Objectives: To identify a robust NADP+ dependent formate dehydrogenase from Lactobacillus buchneri NRRL B-30929 (LbFDH) with unique biochemical properties. Results: A new NADP+ dependent formate dehydrogenase gene (fdh) was cloned from genomic DNA of L. buchneri NRRL B-30929. The recombinant construct was expressed in Escherichia coli BL21(DE3) with 6 × histidine at the C-terminus and the purified protein obtained as a single band of approx. 44 kDa on SDS-PAGE and 90 kDa on native-PAGE. The LbFDH was highly active at acidic conditions (pH 4.8–6.2). Its optimum temperature was 60 °C and 50 °C with NADP+ and NAD+, respectively and its Tm value was 78 °C. Its activity did not decrease after incubation in a solution containing 20% of DMSO and acetonitrile for 6 h.
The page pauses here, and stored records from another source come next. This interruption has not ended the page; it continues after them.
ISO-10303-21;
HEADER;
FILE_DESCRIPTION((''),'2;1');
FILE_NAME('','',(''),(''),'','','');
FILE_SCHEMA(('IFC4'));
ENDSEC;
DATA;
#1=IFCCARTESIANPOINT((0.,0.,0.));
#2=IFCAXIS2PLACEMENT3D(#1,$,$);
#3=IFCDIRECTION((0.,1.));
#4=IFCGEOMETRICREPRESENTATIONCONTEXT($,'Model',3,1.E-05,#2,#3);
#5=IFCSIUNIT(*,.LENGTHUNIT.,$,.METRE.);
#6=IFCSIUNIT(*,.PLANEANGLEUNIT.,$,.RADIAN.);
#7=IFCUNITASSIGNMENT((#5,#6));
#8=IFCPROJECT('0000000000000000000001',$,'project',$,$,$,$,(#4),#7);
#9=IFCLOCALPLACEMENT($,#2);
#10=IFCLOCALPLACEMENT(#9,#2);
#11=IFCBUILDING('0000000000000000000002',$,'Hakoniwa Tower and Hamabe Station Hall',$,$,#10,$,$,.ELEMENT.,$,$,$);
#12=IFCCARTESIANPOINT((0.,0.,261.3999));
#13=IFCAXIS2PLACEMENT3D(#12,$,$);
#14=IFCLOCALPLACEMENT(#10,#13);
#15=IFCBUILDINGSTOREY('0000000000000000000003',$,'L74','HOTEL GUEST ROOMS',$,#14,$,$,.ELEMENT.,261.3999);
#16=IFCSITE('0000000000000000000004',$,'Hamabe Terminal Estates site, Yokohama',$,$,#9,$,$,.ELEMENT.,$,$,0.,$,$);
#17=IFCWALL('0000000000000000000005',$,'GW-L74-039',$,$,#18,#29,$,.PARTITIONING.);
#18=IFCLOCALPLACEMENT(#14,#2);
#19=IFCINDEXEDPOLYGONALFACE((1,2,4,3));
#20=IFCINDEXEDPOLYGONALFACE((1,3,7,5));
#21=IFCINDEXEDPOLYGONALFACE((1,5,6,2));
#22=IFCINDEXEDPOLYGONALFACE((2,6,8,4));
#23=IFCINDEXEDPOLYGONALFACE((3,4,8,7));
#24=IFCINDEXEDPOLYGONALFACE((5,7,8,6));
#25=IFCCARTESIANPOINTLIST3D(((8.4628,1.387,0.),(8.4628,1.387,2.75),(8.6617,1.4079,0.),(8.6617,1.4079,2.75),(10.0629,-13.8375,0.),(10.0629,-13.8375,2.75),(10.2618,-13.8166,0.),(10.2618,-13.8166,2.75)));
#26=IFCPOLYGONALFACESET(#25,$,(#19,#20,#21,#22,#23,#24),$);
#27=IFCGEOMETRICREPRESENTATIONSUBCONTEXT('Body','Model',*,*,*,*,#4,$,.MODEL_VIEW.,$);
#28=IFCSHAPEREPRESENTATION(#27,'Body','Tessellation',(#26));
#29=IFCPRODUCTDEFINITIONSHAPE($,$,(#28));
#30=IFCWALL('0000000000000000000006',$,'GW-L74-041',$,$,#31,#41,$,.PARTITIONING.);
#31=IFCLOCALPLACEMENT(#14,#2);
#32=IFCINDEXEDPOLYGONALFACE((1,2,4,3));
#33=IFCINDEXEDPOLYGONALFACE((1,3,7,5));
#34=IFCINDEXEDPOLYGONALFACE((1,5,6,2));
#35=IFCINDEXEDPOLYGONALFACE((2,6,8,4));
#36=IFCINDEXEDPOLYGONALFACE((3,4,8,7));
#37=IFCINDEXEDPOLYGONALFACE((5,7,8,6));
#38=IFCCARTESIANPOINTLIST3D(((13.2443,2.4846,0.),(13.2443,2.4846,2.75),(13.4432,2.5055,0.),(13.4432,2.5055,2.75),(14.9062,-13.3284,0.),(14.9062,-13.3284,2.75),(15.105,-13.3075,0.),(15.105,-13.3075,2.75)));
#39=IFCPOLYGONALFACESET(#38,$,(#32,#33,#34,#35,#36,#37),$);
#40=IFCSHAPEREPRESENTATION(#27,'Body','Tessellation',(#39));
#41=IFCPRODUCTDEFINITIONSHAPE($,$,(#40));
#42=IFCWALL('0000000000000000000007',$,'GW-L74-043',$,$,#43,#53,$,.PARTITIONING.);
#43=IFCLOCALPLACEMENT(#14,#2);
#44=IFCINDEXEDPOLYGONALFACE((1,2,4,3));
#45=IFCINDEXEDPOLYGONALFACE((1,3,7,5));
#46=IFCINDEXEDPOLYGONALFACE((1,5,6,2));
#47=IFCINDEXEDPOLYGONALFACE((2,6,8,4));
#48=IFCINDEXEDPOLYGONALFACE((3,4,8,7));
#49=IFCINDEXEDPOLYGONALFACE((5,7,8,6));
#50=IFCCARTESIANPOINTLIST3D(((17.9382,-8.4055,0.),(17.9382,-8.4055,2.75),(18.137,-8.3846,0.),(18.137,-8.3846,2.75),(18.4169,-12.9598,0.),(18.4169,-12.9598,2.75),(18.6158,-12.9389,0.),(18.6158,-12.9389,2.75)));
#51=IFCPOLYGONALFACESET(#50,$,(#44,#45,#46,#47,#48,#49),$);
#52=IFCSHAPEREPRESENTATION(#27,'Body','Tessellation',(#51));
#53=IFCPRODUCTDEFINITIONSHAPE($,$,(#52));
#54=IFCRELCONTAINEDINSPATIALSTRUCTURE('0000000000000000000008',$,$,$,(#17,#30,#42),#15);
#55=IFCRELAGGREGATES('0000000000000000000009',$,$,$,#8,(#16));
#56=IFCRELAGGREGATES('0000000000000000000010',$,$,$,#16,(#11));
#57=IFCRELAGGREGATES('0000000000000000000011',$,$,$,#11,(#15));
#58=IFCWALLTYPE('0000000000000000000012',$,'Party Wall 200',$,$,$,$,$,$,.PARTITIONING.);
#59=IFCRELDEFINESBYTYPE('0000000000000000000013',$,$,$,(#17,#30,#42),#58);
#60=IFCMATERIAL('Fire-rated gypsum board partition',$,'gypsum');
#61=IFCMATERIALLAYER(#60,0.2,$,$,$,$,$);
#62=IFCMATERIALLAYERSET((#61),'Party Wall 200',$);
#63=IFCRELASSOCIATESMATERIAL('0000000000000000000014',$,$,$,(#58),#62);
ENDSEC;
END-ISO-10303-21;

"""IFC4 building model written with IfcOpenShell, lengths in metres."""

from ifc_helpers import new_model, si_unit, direction, frame, frame_2d, origin, place, context, subcontext, project, spatial, rectangle, extrude, material, layer, layer_set, type_object, element, save


model = new_model("IFC4")

# Units and contexts
model_context = context("Model", 3, precision=1e-05, world=origin(), true_north=direction((0.0, 1.0)))
body_context = subcontext(model_context, "Body", "Model", "MODEL_VIEW")
ifc_project = project(units=[si_unit("LENGTHUNIT", "METRE"), si_unit("PLANEANGLEUNIT", "RADIAN")], contexts=[model_context])

# Site, building, storey
site_placement = place(None, origin())
site = spatial("IfcSite", under=ifc_project, at=site_placement, Name="Hamabe Terminal Estates site, Yokohama", CompositionType="ELEMENT", RefElevation=0.0)
building_placement = place(site_placement, origin())
building = spatial("IfcBuilding", under=site, at=building_placement, Name="Hakoniwa Tower and Hamabe Station Hall", CompositionType="ELEMENT")
storey_placement = place(building_placement, frame((0.0, 0.0, 261.3999)))
storey = spatial("IfcBuildingStorey", under=building, at=storey_placement, Name="L74", Description="HOTEL GUEST ROOMS", CompositionType="ELEMENT", Elevation=261.3999)

# Walls
ifc_material_1 = material(Name="Fire-rated gypsum board partition", Category="gypsum")
ifc_layer_1 = layer(ifc_material_1, 0.2)
ifc_layer_set_1 = layer_set([ifc_layer_1], Name="Party Wall 200")
wall_type_1 = type_object("IfcWallType", Name="Party Wall 200", PredefinedType="PARTITIONING", material=ifc_layer_set_1)
wall_1_placement = place(storey_placement, frame((10.1624, -13.8271, 0.0), z_axis=(0.0, 0.0, 1.0), x_axis=(-0.104524, 0.994522, 0.0)))
element("IfcWall", 1, at=wall_1_placement, inside=storey, type_object=wall_type_1, Name="GW-L74-039", PredefinedType="PARTITIONING", context=body_context, shape_type="SweptSolid", body=[
    extrude(rectangle(XDim=15.3083, YDim=0.2, at=frame_2d((7.6543, 0.0))), origin(), (0.0, 0.0, 1.0), 2.75),
])
wall_2_placement = place(storey_placement, frame((15.0056, -13.3181, 0.0), z_axis=(0.0, 0.0, 1.0), x_axis=(-0.104519, 0.994523, 0.0)))
element("IfcWall", 2, at=wall_2_placement, inside=storey, type_object=wall_type_1, Name="GW-L74-041", PredefinedType="PARTITIONING", context=body_context, shape_type="SweptSolid", body=[
    extrude(rectangle(XDim=15.9001, YDim=0.2, at=frame_2d((7.9502, 0.0))), origin(), (0.0, 0.0, 1.0), 2.75),
])
wall_3_placement = place(storey_placement, frame((18.5164, -12.9492, 0.0), z_axis=(0.0, 0.0, 1.0), x_axis=(-0.104549, 0.99452, 0.0)))
element("IfcWall", 3, at=wall_3_placement, inside=storey, type_object=wall_type_1, Name="GW-L74-043", PredefinedType="PARTITIONING", context=body_context, shape_type="SweptSolid", body=[
    extrude(rectangle(XDim=4.5793, YDim=0.2, at=frame_2d((2.2896, 0.0))), origin(), (0.0, 0.0, 1.0), 2.75),
])

save(model, "model.ifc")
The KM constants were 49.8, 0.12 and 1.68 mM for formate (with NADP+), NADP+ and NAD+, respectively. Conclusions: An NADP+ dependent FDH from L. buchneri NRRL B-30929 was cloned, expressed and identified with its unusual characteristics. The LbFDH can be a promising candidate for NADPH regeneration through biocatalysis requiring acidic conditions and high temperatures.